One thing I used a ton this year are some boots I got for myself at Targ*t. They are suede and fur lined and only $20. They were put to good use on those cold snowy days. In fact, I wore them today!! Ugg's are a big thing here but not in my price range!!

So, as spring approaches I prepare for the cold of next winter. Let's hope for a nice warm summer in the meantime, even if we only get a couple months of warmth!

Alone

After unexpectedly getting called out of town for work, my husband is gone. I am alone for the first time in many months. I have been spoiled lately, with him working from home. It used to be common for him to be gone for 5 days at a time a couple of times a month. I was used to being alone at night, doing all the childcare and housework. But lately I have been used to having him here. Knowing he will be with me at night, and I will sleep soundly with him by my side. I feel like it is so very quiet and lonely tonight. I don't want to go to bed because it will be cold and quiet. Too quiet. I dread the nights the most.

I can hear J snoring. Poor girl has a really stuffy nose. Her breathing is loud and labored. I will go adjust her pillow to try to get her nose to clear a bit. I know how she feels, as I am getting over a bad cold myself.

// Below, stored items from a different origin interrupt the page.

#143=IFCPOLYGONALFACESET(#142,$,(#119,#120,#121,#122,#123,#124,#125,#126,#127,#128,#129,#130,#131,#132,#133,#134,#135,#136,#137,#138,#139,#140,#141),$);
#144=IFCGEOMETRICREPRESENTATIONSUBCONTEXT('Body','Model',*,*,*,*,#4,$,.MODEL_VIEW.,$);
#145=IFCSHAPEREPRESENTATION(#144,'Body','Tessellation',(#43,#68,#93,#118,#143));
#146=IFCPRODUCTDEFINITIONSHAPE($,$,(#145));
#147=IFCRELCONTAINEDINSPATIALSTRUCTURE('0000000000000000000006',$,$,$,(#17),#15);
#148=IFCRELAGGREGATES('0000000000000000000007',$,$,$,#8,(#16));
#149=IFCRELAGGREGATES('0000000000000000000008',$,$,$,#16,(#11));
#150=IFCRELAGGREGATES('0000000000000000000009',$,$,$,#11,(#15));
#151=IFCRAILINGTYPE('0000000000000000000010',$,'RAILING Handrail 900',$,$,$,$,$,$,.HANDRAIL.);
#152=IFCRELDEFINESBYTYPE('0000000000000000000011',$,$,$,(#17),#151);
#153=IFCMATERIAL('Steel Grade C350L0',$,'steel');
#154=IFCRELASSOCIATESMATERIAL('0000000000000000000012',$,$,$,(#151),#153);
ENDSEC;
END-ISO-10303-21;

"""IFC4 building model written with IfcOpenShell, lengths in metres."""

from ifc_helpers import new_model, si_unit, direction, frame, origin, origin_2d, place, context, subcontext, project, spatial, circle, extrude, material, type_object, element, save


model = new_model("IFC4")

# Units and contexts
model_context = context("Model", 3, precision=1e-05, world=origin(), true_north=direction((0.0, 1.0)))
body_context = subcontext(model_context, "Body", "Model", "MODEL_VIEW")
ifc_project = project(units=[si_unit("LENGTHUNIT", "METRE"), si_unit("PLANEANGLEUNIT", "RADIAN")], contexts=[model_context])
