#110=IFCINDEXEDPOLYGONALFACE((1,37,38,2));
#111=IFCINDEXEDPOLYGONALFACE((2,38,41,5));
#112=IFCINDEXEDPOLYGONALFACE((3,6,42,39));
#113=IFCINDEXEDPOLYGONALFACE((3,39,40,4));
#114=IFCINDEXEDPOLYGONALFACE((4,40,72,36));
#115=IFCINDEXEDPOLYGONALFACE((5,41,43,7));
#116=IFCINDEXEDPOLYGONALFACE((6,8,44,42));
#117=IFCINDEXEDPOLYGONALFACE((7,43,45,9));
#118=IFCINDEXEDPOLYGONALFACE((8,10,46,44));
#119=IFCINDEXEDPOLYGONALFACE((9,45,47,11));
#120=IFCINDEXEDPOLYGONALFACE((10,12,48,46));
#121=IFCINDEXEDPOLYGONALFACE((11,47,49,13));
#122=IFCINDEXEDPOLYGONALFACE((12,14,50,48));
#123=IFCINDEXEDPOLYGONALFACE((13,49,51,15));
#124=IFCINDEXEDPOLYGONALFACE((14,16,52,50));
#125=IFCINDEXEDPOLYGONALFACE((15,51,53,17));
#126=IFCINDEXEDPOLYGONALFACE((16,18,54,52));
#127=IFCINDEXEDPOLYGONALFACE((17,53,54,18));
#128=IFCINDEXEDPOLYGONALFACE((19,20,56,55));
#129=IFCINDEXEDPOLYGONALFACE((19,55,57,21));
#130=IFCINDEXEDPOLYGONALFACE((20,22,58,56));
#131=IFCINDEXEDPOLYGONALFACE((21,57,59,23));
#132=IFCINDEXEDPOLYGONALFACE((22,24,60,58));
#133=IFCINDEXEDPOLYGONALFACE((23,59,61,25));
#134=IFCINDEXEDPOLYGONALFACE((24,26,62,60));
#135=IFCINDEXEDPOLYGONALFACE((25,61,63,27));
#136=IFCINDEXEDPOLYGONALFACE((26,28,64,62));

B is wrapped up in his big blanket. I call him red riding hood, he loves to wrap his whole head in his comforter and sleep with just a little breathing hole. I always go in before I go to bed and unwrap his head, to find him all wet with sweat. His long hair sticking to his head all warm and flushed with heat. My boy is such a sweet thing. And J is usually drooling on her pillow. She is not a sound sleeper like her brother. When I check on her, she will sometimes talk to me. I whisper I love you to each kid and B never responds except for a change of position and mumble. J will occasionally whisper back to me that she loves me too. She sometimes has whole conversations with me with her eyes closed.